# Specific Gravity is 0.990, now what?



## analog_kidd (Jun 7, 2012)

So I started a batch of apple from concentrate 4 weeks ago, and it seems to be coming along nicely. It cleared up over the last couple of weeks. This seems like my first real success at wine making.

The starting SG of this guy was 1.080. I just checked the SG and it is at 0.990, however it is still bubbling away. Not too much from the airlock, maybe one bubble a minute or so, but inside the carboy, there are plenty of little tendrils of bubbles floating up. 

Do I just leave it alone and let it finish, or should I add something like sorbate to it now and force it to be done? 

Should I rack it over to a different carboy now?

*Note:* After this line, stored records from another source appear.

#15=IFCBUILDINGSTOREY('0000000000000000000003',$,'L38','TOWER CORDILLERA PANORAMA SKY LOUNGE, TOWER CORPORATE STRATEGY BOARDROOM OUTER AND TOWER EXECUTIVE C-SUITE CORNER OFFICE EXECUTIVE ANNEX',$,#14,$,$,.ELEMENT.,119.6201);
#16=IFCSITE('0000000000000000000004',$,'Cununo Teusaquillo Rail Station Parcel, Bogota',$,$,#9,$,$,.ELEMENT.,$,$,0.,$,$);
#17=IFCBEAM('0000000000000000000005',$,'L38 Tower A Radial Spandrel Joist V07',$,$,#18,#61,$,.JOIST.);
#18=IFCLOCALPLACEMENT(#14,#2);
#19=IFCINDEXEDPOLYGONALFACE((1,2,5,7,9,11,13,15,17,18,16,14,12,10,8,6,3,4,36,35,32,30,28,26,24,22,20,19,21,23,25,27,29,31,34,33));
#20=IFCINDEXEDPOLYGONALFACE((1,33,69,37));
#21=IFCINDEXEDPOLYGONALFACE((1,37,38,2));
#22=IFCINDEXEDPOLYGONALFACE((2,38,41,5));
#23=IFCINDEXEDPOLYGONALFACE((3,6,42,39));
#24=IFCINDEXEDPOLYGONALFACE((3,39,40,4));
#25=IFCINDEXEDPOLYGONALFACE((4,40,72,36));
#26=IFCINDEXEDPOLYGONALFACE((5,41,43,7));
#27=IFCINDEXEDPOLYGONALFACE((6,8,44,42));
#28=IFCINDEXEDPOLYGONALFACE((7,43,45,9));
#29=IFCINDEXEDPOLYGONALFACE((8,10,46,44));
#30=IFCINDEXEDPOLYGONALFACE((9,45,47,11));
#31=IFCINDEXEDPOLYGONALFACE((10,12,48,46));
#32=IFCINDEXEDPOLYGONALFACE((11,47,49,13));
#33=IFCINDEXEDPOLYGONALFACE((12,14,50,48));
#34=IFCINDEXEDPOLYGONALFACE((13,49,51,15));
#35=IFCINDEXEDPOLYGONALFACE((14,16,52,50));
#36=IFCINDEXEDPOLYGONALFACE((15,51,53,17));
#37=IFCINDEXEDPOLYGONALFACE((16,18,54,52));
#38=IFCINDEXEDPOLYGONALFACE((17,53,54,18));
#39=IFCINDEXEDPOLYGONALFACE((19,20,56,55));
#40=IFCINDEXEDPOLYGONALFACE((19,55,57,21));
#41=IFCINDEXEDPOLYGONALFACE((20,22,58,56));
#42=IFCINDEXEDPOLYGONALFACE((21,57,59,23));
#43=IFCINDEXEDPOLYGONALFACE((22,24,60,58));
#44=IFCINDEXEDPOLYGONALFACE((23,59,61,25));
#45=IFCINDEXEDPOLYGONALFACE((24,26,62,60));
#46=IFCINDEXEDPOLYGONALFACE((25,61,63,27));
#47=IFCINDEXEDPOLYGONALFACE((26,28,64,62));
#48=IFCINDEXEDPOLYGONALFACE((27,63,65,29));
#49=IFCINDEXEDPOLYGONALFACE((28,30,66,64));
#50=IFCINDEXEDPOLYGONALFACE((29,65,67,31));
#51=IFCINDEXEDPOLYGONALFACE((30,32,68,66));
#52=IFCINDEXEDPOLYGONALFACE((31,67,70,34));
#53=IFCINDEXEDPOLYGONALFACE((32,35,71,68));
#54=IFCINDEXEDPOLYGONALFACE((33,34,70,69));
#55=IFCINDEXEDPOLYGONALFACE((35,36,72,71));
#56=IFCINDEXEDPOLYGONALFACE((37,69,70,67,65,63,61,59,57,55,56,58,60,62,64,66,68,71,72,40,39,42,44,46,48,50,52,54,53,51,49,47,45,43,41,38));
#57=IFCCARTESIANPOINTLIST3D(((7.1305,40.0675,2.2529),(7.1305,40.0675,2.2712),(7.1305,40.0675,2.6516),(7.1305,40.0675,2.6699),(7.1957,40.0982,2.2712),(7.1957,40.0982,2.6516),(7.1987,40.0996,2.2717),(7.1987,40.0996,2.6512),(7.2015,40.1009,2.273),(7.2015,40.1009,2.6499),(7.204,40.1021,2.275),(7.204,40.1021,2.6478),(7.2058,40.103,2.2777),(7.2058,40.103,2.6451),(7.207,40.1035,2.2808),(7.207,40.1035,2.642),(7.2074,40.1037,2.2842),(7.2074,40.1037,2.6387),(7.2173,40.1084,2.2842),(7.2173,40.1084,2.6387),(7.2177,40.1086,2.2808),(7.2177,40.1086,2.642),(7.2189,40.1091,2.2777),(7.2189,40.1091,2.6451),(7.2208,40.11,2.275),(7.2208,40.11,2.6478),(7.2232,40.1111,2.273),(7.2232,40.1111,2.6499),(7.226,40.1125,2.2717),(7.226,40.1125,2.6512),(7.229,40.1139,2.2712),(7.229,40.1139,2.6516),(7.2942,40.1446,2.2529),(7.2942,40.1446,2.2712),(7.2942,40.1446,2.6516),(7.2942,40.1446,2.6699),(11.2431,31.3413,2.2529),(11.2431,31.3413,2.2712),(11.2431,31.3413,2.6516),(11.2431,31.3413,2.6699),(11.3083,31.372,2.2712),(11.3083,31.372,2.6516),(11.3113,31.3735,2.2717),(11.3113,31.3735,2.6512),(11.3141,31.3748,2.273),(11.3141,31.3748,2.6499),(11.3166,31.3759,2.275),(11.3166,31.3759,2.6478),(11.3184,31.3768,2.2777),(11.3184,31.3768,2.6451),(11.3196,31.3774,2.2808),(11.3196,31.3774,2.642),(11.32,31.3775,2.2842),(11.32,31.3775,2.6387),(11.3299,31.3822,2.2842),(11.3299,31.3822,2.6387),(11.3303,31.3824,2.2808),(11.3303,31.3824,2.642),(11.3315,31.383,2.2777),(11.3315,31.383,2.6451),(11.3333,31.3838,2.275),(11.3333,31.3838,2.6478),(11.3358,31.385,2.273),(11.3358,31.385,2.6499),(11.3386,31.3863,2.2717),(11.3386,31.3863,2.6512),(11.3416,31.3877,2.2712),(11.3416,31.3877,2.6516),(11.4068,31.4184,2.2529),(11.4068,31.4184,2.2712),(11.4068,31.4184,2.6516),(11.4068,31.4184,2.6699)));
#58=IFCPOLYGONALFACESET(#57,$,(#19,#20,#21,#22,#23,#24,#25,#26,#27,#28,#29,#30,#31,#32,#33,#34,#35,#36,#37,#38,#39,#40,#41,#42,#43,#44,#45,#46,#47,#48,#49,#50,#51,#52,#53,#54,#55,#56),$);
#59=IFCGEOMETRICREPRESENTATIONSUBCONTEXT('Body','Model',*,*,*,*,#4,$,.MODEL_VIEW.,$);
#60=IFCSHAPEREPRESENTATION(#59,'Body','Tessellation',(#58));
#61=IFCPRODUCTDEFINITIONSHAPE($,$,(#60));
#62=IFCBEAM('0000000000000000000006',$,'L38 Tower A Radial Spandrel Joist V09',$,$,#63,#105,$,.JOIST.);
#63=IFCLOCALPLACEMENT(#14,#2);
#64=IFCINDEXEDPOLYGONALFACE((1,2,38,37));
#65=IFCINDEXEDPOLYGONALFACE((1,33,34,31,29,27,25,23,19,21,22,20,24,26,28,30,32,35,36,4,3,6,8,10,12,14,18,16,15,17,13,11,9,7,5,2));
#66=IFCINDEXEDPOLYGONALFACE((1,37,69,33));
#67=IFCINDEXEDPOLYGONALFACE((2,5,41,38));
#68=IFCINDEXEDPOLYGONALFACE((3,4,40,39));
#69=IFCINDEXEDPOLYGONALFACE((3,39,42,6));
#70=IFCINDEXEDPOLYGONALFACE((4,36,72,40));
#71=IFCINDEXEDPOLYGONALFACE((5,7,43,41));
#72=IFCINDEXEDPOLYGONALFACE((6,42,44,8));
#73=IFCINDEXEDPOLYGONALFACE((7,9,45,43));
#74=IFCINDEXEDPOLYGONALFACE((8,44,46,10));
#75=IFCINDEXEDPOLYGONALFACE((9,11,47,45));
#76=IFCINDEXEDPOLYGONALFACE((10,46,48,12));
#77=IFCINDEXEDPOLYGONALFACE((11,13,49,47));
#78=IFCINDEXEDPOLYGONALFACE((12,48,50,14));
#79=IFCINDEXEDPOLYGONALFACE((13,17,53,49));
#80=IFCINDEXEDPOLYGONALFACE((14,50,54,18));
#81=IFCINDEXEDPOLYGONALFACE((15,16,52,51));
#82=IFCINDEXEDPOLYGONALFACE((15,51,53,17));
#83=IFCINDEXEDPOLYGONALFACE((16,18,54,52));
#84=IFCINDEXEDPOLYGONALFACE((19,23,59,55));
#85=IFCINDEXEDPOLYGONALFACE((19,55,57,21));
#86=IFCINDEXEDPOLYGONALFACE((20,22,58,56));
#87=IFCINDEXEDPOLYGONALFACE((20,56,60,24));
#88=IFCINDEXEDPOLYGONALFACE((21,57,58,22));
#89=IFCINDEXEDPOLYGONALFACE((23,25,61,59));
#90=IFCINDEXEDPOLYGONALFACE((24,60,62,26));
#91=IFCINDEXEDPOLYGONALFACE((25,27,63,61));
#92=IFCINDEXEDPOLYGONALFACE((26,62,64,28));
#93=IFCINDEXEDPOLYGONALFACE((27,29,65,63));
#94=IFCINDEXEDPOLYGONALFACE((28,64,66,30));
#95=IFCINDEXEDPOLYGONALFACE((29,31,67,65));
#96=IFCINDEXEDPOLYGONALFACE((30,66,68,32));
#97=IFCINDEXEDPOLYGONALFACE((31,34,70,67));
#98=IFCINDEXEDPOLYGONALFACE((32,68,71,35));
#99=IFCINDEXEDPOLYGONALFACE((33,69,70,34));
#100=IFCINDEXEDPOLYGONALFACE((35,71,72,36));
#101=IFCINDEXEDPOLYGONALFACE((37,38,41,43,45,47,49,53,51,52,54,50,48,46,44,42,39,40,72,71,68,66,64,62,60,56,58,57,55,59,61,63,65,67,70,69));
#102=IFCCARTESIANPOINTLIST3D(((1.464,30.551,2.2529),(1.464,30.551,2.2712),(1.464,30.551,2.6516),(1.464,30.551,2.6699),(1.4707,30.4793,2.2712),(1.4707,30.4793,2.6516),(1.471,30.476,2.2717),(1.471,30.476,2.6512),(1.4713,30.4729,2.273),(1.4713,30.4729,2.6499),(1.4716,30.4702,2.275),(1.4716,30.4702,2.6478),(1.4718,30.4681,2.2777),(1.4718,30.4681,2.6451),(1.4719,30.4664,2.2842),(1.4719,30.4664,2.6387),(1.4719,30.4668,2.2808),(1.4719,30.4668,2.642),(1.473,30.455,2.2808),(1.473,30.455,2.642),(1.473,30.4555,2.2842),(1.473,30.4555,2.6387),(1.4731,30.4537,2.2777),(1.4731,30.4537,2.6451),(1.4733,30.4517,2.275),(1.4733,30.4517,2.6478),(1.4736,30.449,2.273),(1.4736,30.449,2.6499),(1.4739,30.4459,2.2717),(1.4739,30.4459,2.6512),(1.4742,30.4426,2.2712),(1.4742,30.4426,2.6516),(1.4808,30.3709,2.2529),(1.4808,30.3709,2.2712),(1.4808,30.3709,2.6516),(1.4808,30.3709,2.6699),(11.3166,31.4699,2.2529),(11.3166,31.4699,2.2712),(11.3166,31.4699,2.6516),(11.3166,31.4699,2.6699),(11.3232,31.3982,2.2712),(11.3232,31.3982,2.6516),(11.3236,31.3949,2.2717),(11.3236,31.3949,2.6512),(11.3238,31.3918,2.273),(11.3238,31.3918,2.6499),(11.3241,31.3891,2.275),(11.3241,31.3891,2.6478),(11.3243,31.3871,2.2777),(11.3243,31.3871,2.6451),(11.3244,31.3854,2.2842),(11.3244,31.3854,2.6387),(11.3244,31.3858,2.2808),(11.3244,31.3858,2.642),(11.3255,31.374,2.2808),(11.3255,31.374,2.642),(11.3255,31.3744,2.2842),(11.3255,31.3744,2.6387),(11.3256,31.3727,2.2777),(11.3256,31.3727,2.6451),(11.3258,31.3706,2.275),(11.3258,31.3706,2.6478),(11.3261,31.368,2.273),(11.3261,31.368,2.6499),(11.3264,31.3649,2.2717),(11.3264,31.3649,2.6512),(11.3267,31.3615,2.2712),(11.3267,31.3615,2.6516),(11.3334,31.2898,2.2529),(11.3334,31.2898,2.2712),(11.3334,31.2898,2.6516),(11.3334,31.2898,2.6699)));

There is just a little sediment at the bottom.

Thanks


----------



## shoebiedoo (Jun 7, 2012)

If your sg is down to .990 it's done fermenting. Its probably releasing co2. I would rack, degas then ad finishing agents. If you're concerned about finishing too early you'd be fine with just racking and degassing it. I would, however, add K-metta.


----------



## Midwest Vintner (Jun 7, 2012)

I would leave it alone till the sediment builds up and it clears more. Typically, 3-5 rackings is what is needed to make sure it's clear. ^Degassing is a very good idea and so is adding the k-meta. Look at it in a wine glass and see if you have ANY cloudiness, if not, your can degas, back sweeten, k-meta and then sorbate. Bottle in two weeks.


----------



## Chateau Joe (Jun 7, 2012)

Based on your description I would rack it off and add some SO2. Then I would let it sit for a couple months with some cinnamon sticks, a couple whole cloves, and a pinch or two of allspice. If you plan to backsweeten try some light brown sugar.


----------



## analog_kidd (Jun 7, 2012)

Thanks for all your help. I think I'll definitely rack and add k-meta and sorbate this weekend and give it a good stir to try and degas some. I guess I didn't realize that the carbonation would bubble out like that. I thought that it was still fermenting. Is one Campden tablet the correct amount for one gallon? How about the sorbate? My notes say 1/2 tsp.

Should I backsweeten it now too, or do I wait a little while? How much sugar should I add?


----------



## jdrum (Jun 8, 2012)

i would rack and degass add k-met and let sit a few weeks. degassing will let even more sediment settle out, then rack again, when u can go a month with no sediment then add sorbate and wait a week and backsweeten to taste, add the spices now and u will leave them in the lees when u rack, or tye them in a sack then u can pul them when it tastes right


----------



## Chateau Joe (Jun 8, 2012)

jdrum said:


> i would rack and degass add k-met and let sit a few weeks. degassing will let even more sediment settle out, then rack again, when u can go a month with no sediment then add sorbate and wait a week and backsweeten to taste, add the spices now and u will leave them in the lees when u rack, or tye them in a sack then u can pul them when it tastes right


 
Agreed! If you wish to add spices do it now and let them sit for couple months. You can backsweeten at the end and add small amounts to your taste.


----------